Die schönsten Comics, die ich kenne (33): „acht, neun, zehn“

Christoph Bachmann wird das zehnte Schuljahr wiederholen müssen. Er verbringt die langsam zuendegehenden Sommerferien allein mit seiner Mutter, die Tage verstreichen ereignislos. Im Blumenladen trifft er die ein Jahr jüngere Miriam, mit der er bald in die selbe Klasse gehen wird. Ihr heiteres Wesen und ihre Bereitschaft, ihm ihre Zuneigung zu zeigen, sind das Beste, was dem schwermütigen Außenseiter passieren kann.
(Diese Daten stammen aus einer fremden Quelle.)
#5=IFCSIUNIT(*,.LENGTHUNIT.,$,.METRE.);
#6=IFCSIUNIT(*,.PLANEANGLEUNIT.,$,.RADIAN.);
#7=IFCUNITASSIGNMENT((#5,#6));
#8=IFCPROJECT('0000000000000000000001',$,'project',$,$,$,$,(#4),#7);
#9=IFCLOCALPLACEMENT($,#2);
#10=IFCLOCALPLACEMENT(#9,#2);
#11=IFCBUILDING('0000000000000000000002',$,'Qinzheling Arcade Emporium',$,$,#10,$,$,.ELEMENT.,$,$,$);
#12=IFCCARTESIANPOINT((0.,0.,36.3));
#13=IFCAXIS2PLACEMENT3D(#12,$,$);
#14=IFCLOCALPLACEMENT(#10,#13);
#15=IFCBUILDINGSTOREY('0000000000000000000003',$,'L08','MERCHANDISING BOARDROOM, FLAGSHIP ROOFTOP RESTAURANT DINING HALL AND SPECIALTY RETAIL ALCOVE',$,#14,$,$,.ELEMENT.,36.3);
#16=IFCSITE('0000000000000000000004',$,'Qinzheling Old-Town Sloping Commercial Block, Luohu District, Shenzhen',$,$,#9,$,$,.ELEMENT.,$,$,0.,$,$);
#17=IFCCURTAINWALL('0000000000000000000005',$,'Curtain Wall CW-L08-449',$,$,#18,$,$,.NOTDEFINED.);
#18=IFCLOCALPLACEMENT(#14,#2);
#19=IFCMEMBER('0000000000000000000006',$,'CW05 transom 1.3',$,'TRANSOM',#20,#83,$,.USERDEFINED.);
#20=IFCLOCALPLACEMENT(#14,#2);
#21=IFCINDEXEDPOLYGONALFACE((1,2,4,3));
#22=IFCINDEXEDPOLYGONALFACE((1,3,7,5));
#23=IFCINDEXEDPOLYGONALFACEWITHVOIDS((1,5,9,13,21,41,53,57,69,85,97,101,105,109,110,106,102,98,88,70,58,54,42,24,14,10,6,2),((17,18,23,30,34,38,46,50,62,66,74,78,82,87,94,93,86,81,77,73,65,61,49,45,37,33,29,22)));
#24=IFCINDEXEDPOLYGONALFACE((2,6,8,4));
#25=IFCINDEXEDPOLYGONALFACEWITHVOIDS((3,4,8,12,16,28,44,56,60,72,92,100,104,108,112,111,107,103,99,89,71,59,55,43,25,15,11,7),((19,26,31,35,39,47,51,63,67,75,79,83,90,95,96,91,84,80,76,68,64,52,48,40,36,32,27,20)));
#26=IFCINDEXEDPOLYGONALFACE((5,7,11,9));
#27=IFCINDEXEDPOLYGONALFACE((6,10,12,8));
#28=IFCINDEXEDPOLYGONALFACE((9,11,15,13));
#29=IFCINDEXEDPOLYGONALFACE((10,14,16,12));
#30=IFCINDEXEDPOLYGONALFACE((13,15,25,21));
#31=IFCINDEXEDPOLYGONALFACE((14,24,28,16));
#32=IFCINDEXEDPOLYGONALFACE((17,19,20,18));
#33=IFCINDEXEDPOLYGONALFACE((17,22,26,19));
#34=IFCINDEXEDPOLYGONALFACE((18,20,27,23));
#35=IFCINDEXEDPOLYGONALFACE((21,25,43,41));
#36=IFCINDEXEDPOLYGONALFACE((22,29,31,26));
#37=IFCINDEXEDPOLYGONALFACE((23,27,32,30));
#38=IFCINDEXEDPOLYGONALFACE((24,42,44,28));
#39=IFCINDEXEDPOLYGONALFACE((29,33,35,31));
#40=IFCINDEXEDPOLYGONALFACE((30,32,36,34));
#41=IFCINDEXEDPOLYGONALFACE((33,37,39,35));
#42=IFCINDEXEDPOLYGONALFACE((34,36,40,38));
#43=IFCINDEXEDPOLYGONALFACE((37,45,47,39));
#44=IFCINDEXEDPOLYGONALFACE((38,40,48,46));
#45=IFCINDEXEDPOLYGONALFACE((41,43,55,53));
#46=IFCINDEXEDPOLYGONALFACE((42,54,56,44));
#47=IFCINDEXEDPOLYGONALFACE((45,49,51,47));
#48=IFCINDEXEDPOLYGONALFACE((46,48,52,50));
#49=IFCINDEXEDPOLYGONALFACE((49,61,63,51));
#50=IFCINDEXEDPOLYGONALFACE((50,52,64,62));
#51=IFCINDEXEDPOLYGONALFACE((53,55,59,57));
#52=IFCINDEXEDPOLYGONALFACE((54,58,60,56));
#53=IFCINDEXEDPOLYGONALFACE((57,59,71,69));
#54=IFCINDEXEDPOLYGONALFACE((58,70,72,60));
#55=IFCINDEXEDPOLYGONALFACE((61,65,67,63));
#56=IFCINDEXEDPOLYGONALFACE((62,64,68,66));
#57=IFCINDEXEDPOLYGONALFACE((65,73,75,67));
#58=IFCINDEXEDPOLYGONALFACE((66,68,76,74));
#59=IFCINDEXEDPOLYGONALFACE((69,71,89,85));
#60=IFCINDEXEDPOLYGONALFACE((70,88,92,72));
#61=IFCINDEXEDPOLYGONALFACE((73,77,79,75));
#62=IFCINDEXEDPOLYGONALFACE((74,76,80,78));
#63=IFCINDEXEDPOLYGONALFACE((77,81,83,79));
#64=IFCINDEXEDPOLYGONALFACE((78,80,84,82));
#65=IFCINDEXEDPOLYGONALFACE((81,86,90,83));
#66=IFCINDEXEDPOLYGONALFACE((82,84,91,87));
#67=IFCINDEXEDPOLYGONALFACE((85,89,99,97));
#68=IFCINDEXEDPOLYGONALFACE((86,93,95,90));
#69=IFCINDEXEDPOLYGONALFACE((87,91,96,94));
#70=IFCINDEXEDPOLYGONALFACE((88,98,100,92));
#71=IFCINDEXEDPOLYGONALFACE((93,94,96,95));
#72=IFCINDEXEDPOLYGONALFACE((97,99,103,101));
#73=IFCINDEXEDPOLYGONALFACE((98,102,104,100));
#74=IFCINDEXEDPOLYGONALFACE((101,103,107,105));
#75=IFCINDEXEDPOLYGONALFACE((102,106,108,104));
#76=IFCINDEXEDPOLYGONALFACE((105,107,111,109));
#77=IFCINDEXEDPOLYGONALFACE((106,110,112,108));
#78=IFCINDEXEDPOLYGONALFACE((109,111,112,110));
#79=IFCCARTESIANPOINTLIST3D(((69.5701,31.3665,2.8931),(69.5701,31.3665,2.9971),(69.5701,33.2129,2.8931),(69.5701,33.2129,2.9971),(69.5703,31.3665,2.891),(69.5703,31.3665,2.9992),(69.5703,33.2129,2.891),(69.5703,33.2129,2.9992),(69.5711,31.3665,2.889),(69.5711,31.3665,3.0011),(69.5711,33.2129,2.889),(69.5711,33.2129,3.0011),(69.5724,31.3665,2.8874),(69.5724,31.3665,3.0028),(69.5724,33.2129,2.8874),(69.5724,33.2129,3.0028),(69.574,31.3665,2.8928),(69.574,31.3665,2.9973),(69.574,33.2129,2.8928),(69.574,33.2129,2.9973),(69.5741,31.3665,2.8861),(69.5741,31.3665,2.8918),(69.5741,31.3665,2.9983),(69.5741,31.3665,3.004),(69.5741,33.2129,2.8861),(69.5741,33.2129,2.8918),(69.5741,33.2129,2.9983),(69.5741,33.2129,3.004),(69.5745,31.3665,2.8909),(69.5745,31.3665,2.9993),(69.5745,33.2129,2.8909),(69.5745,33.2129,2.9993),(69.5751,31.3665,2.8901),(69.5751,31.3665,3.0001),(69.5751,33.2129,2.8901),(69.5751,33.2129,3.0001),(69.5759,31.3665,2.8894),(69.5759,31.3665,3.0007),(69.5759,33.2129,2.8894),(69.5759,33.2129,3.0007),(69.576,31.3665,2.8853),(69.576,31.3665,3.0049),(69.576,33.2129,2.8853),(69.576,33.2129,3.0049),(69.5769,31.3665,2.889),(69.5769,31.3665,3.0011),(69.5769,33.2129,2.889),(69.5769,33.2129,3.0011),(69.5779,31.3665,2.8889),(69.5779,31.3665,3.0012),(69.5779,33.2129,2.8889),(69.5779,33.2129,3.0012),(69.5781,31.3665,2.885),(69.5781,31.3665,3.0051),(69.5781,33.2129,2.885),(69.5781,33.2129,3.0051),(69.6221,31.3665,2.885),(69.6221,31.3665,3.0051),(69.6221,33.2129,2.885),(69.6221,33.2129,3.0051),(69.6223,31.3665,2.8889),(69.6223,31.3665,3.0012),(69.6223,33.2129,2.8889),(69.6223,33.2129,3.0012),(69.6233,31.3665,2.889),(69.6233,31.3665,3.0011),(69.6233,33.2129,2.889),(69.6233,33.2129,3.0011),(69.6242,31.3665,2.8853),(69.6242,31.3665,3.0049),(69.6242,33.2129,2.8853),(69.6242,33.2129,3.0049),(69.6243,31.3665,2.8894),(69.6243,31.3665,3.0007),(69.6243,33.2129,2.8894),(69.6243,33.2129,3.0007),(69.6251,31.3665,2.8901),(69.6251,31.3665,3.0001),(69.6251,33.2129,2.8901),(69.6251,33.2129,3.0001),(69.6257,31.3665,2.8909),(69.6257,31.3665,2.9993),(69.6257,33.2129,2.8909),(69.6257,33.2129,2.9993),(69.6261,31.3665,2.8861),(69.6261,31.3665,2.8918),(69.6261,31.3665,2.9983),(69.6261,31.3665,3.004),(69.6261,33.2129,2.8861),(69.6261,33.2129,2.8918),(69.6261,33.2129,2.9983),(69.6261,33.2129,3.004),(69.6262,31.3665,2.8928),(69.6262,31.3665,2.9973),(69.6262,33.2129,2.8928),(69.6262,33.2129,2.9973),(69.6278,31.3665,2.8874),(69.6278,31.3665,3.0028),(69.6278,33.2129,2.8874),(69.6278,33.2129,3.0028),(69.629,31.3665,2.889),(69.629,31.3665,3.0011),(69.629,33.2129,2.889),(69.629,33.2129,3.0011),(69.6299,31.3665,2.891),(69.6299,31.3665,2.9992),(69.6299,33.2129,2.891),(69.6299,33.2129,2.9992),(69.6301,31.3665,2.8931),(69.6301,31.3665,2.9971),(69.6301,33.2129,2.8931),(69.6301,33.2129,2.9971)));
Aber Christoph hat sich schon mehr mit dem Alleinsein arrangiert, als ihm selber bewusst war …

Auf den ersten Blick ist Arne Bellstorfs bei Reprodukt als Comic-Album erschienene Diplomarbeit so unscheinbar wie ihr Protagonist. Bei näherer Betrachtung jedoch verfügt „acht, neun, zehn“ über eine ganze Reihe von Vorzügen, die rar sind in der Nische zeitgenössischer deutscher Graphic-Novels. Bellstorf hat in Hamburg Illustration studiert, ist aber als Zeichner erkennbar von den drei großen Vertretern der amerikanischen Ligne Claire beeinflusst (Ware / Clowes / Burns). Auch Milieu und Naturell ihrer Figuren hat er übernommen: den (jungen) phantasie- und perspektivlosen Melancholiker der Vorstadt, das behäbige Individuum am Ende einer 70jährigen Phase von Frieden und Wohlstand, dessen Lebensgefühl es eher langweilt und unterfordert als dankbar sein und zur Ruhe kommen lässt. Schon 2005 war abzusehen, dass sich diese Ära auf ihre Auflösung zubewegt, inzwischen sind wir alle miteinander in dieses Stadium eingetreten.
Doch solcherlei Sozio-Hintersinn liegt dem Künstler ohnehin angenehm fern. Auch so  entfaltet „acht, neun, zehn“ einen Sog, der etwa bei Chris Ware (Bellstorfs offensichtlichstem stilistischen Vorbild) niemals aufkommt. Arne Bellstorf ist ein viel besserer Erzähler, in dieser Disziplin am ehesten mit Charles Burns vergleichbar, ohne dessen alptraumhafte Dimension und dessen metaphorischen Aufwand.
Für den tumben Teenager Christoph geschieht all das Missliche im Wachzustand. Dass er ohne Vater aufwächst und dass seine Mutter ihn ganz beiläufig und geflissentlich ignoriert, würde in jedem anderen Medium – und vermutlich auch in anderen Comics – mindestens deutlich herausgestellt werden, Mutters Verhalten würde uns mit Psychogrammen erklärt, eine Katastrophe (schlimmer als die Trennung der Eltern) würde uns vorsichtshalber aufgezeigt etc.
Dieser wundervolle Comic erspart uns solch betreutes Lesen (schließlich ist an Christophs Situation nichts Unnormales) und verdichtet seinen Stoff auf eine biographische Essenz, auf die wir uns alle verständigen können. Etwa auf die große, ewig unbeantwortete Frage: warum sind die großen Ferien, auf die wir uns doch monatelang so sehnsüchtig gefreut haben, so zäh und schal, wenn sie endlich gekommen sind?